Nunca falta el topil que siempre quiere a huevo tener la razón en todo. Igual y ni sabe de lo que habla (la mayoría de las veces) pero ha de meter su cuchara y quererte hacer ver tu error y demostrar, como pueda, que la razón es suya.
Por lo general evito discusiones con gente así de terca (o sea, igual que yo) y les doy el avión. Digo, dentro de mí sé perfecto que soy yo el que está bien, jajajaja. No, de verdad, ¿por qué somos tan tercos? Incluso necios, muy necios.
Creía que la mayor demostración de terquedad que había visto era el clásico borracho que, aunque sin contar con la habilidad del habla ni la del equilibrio (y varias habilidades más), se muestra renuente a evitar manejar su automóvil de regreso a su casa y dejar que alguien más lo lleve. "Estoy bien, no chinguen". Y claro, aunque varios de nosotros creemos tener dominada la técnica del "piloto automático", la mayor de las veces éste tipo de circunstancias terminan en accidente. A veces en tragedia.
¿Por qué, entonces, si sabemos que éstas cosas ocurren y además las vemos ocurrir tan a menudo, las hacemos también nosotros? De dónde sale ese impulso a ser terco, a necear?
¿Por qué, después de darte cuenta que no te saludé, que es evidente que evito cruzar palabra contigo, que todo el mundo se da cuenta que evito incluso mirarte de reojo, por qué, entonces, insistes y has de plantarte junto a mí, querer hacerme la plática o inventas cualquier pendejada para que yo me vea forzado a contestarte? Porque sabes que debo contestarte, es mi trabajo.
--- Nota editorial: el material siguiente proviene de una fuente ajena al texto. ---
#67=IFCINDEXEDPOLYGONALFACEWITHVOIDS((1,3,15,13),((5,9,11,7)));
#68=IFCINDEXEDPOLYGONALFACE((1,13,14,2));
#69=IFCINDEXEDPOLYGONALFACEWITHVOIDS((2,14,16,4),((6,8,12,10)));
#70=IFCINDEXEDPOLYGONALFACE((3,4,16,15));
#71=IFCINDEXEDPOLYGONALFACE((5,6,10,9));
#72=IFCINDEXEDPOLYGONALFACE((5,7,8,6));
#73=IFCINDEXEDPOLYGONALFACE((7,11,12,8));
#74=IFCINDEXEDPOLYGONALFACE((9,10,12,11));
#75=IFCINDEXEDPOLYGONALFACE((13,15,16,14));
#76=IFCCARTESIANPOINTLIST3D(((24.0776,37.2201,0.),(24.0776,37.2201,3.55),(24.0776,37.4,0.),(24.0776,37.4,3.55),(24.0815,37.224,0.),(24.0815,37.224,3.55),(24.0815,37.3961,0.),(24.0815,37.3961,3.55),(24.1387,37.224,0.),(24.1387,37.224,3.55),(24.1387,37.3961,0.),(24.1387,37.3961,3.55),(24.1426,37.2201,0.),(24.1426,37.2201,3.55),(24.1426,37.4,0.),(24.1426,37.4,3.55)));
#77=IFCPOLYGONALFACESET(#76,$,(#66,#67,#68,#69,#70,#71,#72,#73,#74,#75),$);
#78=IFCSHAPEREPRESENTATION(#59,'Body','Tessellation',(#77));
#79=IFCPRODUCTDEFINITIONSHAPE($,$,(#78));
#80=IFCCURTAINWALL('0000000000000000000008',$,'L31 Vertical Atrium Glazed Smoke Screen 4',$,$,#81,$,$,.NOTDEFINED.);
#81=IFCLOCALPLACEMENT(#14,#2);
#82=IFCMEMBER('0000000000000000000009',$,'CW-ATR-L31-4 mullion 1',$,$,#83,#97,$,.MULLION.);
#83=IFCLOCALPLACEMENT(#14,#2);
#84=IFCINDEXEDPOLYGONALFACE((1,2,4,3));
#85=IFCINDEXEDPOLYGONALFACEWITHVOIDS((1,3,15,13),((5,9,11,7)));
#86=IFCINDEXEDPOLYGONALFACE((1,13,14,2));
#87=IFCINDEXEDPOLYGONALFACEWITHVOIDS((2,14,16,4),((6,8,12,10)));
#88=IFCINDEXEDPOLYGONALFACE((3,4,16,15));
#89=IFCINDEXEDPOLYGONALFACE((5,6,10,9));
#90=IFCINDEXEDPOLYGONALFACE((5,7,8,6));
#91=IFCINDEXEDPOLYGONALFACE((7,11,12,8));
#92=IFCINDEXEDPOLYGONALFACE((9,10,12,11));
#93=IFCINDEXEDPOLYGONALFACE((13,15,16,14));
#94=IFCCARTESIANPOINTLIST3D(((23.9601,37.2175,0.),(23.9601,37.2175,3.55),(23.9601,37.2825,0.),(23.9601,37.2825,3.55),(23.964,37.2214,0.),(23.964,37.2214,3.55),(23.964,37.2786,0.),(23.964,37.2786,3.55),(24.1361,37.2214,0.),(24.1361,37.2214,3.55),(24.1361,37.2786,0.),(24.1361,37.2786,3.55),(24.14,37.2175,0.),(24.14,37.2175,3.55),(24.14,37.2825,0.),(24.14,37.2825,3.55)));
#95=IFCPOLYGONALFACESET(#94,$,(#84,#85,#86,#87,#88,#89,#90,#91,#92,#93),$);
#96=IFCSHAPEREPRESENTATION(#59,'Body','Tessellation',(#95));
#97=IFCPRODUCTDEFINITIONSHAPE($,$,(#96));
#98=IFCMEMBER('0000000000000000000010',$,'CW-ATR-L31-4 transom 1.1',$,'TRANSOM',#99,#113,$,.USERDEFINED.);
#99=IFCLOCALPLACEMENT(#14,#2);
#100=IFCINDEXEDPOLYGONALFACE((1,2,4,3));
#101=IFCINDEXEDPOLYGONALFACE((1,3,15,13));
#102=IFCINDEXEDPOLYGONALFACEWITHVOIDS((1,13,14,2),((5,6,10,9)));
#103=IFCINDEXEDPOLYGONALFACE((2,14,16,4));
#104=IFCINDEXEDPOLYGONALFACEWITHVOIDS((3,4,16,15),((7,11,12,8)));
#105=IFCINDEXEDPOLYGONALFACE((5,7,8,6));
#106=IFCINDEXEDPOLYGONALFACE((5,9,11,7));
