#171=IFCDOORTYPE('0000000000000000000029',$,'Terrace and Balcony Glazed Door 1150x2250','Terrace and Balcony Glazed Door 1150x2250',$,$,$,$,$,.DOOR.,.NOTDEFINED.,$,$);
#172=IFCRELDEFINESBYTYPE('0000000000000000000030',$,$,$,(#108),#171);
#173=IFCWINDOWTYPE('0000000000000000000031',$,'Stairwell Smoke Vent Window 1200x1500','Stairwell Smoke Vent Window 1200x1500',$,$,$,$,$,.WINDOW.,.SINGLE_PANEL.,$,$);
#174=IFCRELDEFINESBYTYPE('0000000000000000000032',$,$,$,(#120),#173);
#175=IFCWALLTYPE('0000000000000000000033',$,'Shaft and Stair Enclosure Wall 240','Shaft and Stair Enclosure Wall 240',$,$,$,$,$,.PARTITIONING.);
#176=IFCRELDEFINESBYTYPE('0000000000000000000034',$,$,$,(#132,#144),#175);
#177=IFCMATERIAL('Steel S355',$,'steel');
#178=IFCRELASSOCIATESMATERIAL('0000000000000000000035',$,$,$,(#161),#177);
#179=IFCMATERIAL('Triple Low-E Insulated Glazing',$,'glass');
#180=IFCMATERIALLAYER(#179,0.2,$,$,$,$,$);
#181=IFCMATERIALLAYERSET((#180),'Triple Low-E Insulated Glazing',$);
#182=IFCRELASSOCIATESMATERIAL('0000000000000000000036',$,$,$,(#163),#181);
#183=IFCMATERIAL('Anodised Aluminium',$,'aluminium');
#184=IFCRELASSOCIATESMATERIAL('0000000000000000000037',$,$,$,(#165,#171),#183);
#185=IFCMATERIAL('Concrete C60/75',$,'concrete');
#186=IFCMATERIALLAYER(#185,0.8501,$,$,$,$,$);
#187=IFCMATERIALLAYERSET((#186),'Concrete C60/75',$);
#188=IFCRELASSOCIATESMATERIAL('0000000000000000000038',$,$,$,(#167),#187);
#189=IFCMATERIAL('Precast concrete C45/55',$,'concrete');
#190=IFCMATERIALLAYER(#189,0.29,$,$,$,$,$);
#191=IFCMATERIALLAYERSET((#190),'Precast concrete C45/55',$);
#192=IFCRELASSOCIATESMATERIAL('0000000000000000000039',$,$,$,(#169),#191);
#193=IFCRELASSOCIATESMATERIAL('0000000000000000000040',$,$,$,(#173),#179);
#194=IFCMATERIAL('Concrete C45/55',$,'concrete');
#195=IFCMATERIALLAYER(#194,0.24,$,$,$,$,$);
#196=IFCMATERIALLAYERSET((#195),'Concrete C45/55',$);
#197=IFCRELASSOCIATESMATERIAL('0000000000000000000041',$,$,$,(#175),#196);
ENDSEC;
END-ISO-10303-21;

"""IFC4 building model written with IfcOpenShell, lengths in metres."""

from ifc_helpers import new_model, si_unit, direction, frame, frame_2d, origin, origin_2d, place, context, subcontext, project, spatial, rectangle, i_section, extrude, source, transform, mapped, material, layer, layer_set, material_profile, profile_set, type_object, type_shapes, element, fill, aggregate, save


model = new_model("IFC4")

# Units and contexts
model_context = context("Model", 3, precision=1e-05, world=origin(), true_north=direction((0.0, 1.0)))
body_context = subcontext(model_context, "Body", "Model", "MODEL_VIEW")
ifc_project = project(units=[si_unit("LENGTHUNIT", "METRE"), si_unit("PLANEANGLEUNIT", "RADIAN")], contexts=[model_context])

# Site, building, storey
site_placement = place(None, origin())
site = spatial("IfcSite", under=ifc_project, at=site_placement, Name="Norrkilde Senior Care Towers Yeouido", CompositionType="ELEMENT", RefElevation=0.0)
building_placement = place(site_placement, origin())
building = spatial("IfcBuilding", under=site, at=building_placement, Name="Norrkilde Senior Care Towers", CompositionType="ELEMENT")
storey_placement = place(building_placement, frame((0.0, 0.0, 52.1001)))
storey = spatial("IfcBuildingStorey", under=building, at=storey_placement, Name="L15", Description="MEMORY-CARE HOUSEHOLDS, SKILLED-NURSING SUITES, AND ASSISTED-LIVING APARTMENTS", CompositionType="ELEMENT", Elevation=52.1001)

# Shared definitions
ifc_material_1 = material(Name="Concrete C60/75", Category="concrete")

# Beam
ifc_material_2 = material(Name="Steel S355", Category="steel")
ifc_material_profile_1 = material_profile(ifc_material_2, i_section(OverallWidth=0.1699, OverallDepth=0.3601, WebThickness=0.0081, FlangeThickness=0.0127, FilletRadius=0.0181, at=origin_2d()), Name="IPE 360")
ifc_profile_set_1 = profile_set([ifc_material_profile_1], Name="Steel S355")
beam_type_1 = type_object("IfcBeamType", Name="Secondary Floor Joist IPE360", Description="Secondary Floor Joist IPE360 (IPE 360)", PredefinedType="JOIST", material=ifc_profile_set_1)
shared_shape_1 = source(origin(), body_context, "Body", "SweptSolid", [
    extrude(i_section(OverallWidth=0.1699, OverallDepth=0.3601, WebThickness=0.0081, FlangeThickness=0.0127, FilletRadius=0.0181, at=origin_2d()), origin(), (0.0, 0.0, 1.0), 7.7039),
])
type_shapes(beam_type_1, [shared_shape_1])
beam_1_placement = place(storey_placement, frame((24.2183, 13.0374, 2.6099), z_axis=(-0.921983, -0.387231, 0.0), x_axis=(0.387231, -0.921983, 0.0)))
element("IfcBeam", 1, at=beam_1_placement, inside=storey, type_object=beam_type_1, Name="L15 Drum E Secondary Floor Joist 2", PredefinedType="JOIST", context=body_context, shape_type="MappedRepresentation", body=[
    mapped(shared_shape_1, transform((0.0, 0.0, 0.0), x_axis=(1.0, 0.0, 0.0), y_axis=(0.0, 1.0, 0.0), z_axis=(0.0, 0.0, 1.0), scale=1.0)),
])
Pensé que aquel clásico borrachín necio era el mayor exponente de la terquedad que había visto; hasta que tú entraste en mi vida. No puedo creer lo mucho que detesto tu sola presencia en éstos momentos. Y todo sólo por ser tan necia. Me cagas.
Mejor sé como cualquier gata. Al primer patín que le dan a la muy zarrapastrosa, la pendeja sabe que no le conviene volverse a acercar. Al menos, hasta que le vuelvan a llenar su platito de atún.